When (if) will the next slingshot Xmas be and do you pm addresses?
Any help will be greatly appreciated! 
Cheers, tom


----------



## newconvert (Dec 12, 2011)

tomshot123 said:


> When (if) will the next slingshot Xmas be and do you pm addresses?
> Any help will be greatly appreciated!
> Cheers, tom


its hard to say, but it just pays to have 100 or so pre made frames sitting around and ready to ship! and yes, pm only for addresses


----------



## bullseyeben! (Apr 24, 2011)

newconvert said:


> ok, here is my YOYO Clause gift from Chris!
> i have to say i was very impressed with the very high quality of his work he sent 2.......... bless his heart! the first is the poly twist, it is a no ties connection first used by BH, it is a very nice shooter, i have to say it is very well and neatly machined, the second my favorite frame i have been wanting for some time now is his his YO "Y" he dressed it with Hrawks roo leather pouch, the CA finish is glass smooth, a really beautiful piece of craftsmanship, it amazes me the high level of gloss that can be achieved with CA. in any event i am just so happy to get these 2 frames from Chris! beauties both!
> View attachment 21776
> View attachment 21777
> View attachment 21778


Wow they're great! Great work


----------



## kooniu (Jul 14, 2011)

This is a piece of artwork I got from Lewis. I really like the hammerhead design and this is really an exceptionally beautiful! 
Your name fits her.


----------



## bullseyeben! (Apr 24, 2011)

She's a stunner!


----------



## funk3ymunky (May 14, 2012)

Sent mine off today and cant wait to get mine!


----------



## reecemurg (Oct 9, 2011)

popped mine in the post earlier ,
can't wait for mine to arrive !!!


----------



## jayw81 (Dec 11, 2011)

kooniu said:


> This is a piece of artwork I got from Lewis. I really like the hammerhead design and this is really an exceptionally beautiful!
> Your name fits her.


thats a nice hammerhead! good score


----------



## Bostradamus (May 15, 2012)

FINALLY just sent out my gift to LVO today, tried to send it out Saturday but the post office was only open for 1hr, wtf...
but just wait til you see what i GOT in the mail today!!!
View media item 7162View media item 7163View media item 7164
my gift from LVO and i couldn't be happier!!
his gift to me is better than the one i sent, i'm afraid...


----------



## LVO (Sep 25, 2011)

I'm really glad you like it, Bo! You are my test subject concerning the aluminum core...lol. I am really looking forward to getting yours soon. I can tell you this now, I'll have it forever, dude. I give the ones I make away all the time, but like Newconvert, I keep and value the one other folks make or give to me. 
thanks, Bo!


----------



## pop shot (Sep 29, 2011)

since it's late- here's mine to danny boy. mesquite (kiawe), Koa and Sandalwood ('iliahi) i'm excited to see what he sent!


----------



## LVO (Sep 25, 2011)

Awesome Steve!! Please tell me you did a tutorial or build log?


----------



## kooniu (Jul 14, 2011)

BoKennedy said:


> ........
> his gift to me is better than the one i sent, i'm afraid...

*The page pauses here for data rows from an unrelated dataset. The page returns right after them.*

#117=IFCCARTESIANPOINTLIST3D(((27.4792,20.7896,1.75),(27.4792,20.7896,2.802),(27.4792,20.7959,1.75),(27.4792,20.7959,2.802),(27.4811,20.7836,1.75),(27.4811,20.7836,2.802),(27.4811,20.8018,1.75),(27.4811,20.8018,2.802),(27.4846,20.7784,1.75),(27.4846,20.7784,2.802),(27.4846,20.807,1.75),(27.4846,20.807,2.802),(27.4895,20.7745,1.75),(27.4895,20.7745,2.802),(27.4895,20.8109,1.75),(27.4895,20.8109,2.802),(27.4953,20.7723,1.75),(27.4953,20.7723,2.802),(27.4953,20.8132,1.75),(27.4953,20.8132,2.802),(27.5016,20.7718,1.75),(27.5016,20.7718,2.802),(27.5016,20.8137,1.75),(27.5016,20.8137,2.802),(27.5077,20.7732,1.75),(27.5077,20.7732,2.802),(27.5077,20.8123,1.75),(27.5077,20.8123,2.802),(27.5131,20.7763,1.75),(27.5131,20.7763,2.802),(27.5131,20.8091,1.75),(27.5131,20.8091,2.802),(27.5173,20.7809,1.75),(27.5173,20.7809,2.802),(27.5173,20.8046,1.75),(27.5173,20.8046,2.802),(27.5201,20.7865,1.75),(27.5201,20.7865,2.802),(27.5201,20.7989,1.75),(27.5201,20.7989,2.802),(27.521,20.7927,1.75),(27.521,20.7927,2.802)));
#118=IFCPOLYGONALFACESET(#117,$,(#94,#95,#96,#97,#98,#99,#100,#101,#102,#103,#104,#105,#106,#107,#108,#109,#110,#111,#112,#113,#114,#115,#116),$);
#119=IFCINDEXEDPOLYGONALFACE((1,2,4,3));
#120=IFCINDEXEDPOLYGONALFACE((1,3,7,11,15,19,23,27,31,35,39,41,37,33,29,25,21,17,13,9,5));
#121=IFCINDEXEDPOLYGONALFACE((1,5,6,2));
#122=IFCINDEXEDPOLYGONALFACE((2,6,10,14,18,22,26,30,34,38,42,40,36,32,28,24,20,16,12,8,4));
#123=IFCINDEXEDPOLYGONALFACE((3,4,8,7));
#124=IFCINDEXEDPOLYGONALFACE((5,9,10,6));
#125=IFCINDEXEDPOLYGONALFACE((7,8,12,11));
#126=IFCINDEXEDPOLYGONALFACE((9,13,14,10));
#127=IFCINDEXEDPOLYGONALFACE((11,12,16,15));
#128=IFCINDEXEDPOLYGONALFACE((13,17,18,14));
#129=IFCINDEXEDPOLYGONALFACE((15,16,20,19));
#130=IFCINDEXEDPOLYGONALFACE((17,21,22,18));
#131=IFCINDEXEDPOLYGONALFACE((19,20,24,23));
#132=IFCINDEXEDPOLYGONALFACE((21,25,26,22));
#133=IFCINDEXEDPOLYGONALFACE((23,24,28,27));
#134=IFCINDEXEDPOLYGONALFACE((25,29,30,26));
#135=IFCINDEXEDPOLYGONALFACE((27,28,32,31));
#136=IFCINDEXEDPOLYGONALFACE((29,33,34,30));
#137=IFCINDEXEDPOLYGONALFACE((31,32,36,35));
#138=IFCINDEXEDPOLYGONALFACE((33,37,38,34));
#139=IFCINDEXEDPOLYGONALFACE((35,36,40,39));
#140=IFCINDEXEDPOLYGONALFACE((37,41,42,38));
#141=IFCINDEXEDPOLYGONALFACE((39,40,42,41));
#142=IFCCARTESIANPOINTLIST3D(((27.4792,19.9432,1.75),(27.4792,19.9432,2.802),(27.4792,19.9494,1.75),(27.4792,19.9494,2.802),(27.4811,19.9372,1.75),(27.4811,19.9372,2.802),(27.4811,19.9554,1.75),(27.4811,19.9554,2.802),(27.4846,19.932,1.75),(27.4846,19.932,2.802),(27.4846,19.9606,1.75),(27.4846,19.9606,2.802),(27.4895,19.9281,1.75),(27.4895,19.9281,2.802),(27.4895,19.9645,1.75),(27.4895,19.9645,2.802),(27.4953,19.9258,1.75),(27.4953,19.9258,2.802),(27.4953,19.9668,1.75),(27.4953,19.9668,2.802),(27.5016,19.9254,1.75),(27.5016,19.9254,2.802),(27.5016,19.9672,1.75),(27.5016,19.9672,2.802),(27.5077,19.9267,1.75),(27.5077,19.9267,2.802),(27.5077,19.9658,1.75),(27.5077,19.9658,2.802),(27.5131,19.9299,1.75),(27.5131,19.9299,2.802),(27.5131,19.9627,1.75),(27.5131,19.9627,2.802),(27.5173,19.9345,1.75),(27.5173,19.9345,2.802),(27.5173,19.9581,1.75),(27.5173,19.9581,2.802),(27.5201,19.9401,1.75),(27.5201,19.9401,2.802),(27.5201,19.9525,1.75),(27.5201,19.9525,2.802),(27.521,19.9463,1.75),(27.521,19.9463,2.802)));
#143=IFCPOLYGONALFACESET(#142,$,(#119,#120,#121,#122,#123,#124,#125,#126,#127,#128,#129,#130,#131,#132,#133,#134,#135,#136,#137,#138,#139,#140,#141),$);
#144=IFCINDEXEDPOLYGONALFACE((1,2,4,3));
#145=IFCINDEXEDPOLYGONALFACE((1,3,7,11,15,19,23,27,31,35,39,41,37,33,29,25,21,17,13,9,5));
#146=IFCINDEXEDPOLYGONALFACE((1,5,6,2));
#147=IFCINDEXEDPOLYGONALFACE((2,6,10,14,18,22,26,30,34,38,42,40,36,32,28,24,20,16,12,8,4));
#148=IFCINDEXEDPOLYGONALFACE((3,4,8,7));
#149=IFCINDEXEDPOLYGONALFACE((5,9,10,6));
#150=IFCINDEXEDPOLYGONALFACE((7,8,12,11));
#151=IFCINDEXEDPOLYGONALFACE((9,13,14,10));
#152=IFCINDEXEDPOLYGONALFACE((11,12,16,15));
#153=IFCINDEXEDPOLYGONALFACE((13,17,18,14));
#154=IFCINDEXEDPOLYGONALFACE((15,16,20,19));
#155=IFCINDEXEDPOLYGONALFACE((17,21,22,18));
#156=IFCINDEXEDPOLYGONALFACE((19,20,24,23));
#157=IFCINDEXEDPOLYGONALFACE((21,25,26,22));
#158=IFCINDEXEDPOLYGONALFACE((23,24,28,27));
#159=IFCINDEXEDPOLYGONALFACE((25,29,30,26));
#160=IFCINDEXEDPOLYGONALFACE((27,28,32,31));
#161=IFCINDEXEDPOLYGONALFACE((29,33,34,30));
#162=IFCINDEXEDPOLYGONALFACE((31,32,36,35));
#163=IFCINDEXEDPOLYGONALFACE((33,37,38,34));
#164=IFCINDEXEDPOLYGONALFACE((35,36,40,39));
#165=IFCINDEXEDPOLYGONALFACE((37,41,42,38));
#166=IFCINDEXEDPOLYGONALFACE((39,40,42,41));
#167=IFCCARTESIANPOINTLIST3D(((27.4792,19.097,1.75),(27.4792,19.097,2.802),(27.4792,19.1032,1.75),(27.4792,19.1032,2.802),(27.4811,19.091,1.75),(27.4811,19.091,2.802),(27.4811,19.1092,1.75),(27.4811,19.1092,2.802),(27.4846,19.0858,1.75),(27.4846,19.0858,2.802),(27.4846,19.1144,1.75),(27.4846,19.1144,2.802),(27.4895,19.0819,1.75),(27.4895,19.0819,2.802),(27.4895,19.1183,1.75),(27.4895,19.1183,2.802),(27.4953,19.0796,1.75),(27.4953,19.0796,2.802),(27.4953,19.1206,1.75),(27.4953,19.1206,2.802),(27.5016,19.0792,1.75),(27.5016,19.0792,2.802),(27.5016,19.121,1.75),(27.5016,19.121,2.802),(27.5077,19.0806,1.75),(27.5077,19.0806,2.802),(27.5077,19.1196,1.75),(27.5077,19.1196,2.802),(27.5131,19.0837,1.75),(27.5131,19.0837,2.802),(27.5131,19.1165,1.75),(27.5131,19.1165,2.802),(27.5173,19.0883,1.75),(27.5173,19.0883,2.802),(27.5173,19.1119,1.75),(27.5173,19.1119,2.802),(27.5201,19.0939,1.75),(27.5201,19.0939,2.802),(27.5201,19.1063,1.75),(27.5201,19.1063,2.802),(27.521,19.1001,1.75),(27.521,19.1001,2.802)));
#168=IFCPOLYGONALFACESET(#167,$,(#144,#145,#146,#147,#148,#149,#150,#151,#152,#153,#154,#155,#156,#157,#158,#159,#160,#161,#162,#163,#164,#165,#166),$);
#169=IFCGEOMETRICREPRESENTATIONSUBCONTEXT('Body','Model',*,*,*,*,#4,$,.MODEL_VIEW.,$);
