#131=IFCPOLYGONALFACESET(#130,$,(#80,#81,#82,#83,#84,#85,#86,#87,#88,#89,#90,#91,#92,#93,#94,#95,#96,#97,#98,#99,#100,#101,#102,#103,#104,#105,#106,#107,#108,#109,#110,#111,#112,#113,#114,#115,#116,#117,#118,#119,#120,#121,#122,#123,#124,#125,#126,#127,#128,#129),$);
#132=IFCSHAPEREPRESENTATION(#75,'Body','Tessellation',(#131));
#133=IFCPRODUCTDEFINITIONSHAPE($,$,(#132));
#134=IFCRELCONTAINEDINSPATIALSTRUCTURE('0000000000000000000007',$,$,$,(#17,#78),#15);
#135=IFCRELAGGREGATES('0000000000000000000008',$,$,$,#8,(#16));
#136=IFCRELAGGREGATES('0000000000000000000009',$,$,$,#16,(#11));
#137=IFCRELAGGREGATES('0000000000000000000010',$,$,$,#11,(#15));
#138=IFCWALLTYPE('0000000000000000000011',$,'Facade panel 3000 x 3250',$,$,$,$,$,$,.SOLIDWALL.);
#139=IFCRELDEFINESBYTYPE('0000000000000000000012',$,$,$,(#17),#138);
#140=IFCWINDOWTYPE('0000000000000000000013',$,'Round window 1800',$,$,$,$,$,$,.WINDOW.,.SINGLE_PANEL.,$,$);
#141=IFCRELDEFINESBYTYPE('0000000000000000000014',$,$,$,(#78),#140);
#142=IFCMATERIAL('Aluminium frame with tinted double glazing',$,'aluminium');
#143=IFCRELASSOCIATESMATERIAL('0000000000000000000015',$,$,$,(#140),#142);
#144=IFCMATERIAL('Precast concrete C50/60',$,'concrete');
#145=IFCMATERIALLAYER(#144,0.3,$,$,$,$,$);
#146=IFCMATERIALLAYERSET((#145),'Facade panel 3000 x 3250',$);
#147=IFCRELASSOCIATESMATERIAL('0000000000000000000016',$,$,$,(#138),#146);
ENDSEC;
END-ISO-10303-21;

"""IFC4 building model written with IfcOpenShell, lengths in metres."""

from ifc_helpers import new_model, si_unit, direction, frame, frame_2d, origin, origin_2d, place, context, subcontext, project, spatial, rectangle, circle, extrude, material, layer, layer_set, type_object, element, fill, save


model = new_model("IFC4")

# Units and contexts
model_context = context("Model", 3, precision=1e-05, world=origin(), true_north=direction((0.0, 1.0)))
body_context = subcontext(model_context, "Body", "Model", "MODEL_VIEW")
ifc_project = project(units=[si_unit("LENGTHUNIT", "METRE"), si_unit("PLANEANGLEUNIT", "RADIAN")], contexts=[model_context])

and I am sure that this is in my case ....


----------



## newconvert (Dec 12, 2011)

trobbie66 said:


> Me and my partner Kip both have ours is there a thread for the pictures yet?


yuup! this one


----------



## newconvert (Dec 12, 2011)

BoKennedy said:


> FINALLY just sent out my gift to LVO today, tried to send it out Saturday but the post office was only open for 1hr, wtf...
> but just wait til you see what i GOT in the mail today!!!
> 
> my gift from LVO and i couldn't be happier!!
> his gift to me is better than the one i sent, i'm afraid...


i see LVO is getting better, that is sweet!


----------



## Bostradamus (May 15, 2012)

he's the man! and it shoots just as good as it looks!


----------



## newconvert (Dec 12, 2011)

BoKennedy said:


> he's the man! and it shoots just as good as it looks!


just a couple of months ago he was shy to show his work, now hes the man!


----------



## trobbie66 (May 13, 2012)

This is the piece I got from Kipken. I have never seen an altoids box so big! Its about 5 times the size of the ones at my local Macs Milk.


----------



## Kipken (Feb 6, 2012)

trobbie66 said:


> This is the piece I got from Kipken. I have never seen an altoids box so big! Its about 5 times the size of the ones at my local Macs Milk.


It's a normal size altoids tin I promise...you must only be able to get the mini tins...hope it shoots good for ya


----------



## LVO (Sep 25, 2011)

newconvert said:


> he's the man! and it shoots just as good as it looks!


just a couple of months ago he was shy to show his work, now hes the man!
[/quote]
lol... Hey Mark, thanks again for the words of encouragement!


----------



## trobbie66 (May 13, 2012)

Kipken said:


> This is the piece I got from Kipken. I have never seen an altoids box so big! Its about 5 times the size of the ones at my local Macs Milk.


It's a normal size altoids tin I promise...you must only be able to get the mini tins...hope it shoots good for ya
[/quote]Been having great fun! Took a bit to get used to flip style shooting(only hit fingers twice) but its great now


----------



## Btoon84 (Nov 22, 2011)

i've been seeing some nice slingshots so far. what fun this is.


----------



## Kipken (Feb 6, 2012)

trobbie66 said:


> This is the piece I got from Kipken. I have never seen an altoids box so big! Its about 5 times the size of the ones at my local Macs Milk.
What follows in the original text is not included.